Rinse and repeat. You don’t need to remember everything at once — just one chunk at a time.
8. Strategic Recordings
If the client allows it, record the meeting. That way, if your brain decides to tap out halfway through, you’ve got a backup.
Just don’t use it as an excuse to zone out entirely. Future-you will hate having to replay a one-hour monologue about SEO.
9. Clarify Deadlines (Twice)
ADHD brains are notorious for hearing “Wednesday” and assuming it means “Friday.” Always repeat deadlines back. Twice. Maybe in writing. Tattoo it if necessary.
10. Accept Imperfection
You’re going to miss details. You’re going to zone out sometimes. The trick isn’t being perfect, it’s catching yourself, recovering quickly, and building systems that save you from total disaster.
Real-World ADHD Marketing Listening Scenarios
- Scenario 1: Client says, “We want to shift budget to TikTok.” Your brain hears: “TikTok” and then spends 15 minutes imagining viral dances. You miss the actual budget details.
- Scenario 2: You take notes, repeat it back: “So, shifting £2,000 from Facebook to TikTok this quarter?” Client nods. Done. No disasters.

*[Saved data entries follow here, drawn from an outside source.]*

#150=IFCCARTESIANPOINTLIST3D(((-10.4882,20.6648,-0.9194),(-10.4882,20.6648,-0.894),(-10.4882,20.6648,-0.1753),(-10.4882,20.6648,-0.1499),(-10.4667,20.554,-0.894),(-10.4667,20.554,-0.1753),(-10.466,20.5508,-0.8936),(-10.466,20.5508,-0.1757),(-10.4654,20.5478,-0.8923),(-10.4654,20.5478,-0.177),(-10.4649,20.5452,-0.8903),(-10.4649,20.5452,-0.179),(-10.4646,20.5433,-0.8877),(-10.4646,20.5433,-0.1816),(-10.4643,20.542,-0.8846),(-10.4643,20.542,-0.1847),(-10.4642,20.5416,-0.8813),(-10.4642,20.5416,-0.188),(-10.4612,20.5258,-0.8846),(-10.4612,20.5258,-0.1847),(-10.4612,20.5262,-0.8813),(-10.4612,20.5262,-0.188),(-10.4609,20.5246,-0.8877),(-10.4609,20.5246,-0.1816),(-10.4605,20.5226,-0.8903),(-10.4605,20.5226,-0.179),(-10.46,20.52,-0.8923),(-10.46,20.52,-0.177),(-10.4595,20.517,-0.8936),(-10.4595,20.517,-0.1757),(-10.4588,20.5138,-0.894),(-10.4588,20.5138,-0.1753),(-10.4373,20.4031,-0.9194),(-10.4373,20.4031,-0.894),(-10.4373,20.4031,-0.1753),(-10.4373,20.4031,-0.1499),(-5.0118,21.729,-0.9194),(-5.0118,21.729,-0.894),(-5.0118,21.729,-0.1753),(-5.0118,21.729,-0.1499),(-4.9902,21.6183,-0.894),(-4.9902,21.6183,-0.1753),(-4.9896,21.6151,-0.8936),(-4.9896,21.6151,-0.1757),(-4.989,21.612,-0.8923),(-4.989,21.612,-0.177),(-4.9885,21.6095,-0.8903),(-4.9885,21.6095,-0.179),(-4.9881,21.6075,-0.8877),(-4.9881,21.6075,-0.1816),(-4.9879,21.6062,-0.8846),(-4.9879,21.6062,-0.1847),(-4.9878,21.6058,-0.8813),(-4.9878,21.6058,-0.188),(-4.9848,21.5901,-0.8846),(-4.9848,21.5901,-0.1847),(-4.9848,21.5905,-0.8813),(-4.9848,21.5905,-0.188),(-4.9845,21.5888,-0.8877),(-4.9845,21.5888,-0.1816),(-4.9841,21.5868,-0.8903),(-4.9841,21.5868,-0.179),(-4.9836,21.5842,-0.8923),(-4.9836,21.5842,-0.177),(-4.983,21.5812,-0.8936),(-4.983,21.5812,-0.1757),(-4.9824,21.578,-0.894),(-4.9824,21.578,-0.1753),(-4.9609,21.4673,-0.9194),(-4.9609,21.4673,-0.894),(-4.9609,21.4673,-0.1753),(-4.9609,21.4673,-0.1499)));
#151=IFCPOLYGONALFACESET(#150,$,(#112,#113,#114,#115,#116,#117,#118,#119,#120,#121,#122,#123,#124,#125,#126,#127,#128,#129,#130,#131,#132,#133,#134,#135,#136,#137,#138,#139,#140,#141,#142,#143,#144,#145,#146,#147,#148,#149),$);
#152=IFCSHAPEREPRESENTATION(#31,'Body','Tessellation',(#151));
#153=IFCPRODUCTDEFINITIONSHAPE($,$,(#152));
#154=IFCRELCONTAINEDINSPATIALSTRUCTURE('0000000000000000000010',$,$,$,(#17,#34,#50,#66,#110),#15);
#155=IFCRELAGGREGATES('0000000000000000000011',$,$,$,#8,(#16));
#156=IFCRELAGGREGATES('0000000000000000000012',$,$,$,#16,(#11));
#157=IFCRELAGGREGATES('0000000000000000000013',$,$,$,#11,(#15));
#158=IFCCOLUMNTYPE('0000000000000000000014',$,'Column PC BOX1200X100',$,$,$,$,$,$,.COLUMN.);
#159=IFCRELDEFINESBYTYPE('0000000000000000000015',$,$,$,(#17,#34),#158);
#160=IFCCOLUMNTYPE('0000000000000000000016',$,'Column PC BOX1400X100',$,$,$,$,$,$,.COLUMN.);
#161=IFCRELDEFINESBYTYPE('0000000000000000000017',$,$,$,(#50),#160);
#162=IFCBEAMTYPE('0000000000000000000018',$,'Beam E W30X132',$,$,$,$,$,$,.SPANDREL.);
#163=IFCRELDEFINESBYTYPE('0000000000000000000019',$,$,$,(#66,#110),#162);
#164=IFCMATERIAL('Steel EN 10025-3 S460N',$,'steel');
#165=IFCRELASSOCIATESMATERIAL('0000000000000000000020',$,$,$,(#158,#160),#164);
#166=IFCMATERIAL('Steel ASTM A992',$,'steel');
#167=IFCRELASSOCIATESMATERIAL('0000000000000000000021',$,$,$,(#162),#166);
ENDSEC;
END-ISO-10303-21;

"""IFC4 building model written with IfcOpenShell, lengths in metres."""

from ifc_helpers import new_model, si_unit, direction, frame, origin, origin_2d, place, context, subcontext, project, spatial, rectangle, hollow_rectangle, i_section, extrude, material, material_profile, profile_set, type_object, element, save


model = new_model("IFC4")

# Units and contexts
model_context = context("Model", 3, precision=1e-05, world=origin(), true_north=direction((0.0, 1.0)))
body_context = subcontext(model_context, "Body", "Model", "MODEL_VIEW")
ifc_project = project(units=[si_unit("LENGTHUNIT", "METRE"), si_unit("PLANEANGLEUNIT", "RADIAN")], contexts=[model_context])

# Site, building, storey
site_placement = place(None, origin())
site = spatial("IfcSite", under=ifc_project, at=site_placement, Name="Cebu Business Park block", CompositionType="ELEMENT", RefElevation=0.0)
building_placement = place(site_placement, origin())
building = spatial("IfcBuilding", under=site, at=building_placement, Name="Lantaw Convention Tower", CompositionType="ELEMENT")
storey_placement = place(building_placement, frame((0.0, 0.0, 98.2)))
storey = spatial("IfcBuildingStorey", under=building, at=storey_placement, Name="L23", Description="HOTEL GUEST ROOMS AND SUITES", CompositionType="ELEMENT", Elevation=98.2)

See? Same meeting, different outcome.
The Sarcastic Reality Check
Let’s be honest: you will never be the perfect attentive listener. You’re not going to sit zen-like through a two-hour meeting about SEO metadata without your brain wandering. That’s fine.
But if you can:
Capture the key points, confirm deadlines, and void promising things you didn’t actually hear,
…you’re already winning.
Effective listening for ADHD marketers isn’t about becoming a saint. It’s about creating sneaky systems that make people think you’re a saint while your brain does cartwheels in the background.
Quick Cheatsheet: ADHD Listening Survival
- Notes or it didn’t happen.
- Repeat it back (like a pro, not a parrot).
- Fidgets save lives.
- Questions = engagement.
- Deadlines must be clarified twice.
- Record if possible.
Listening is marketing’s unsexy superpower. It’s not as glamorous as creating viral ads or writing killer copy, but it’s the foundation for all of it. For marketers with ADHD, the goal isn’t flawless listening — it’s functional listening.
So grab a notebook, prep a fidget toy, and remember: the client doesn’t need you to hear everything. They just need you to hear the right things. And with the right hacks, you’ll nail it — distractions and all.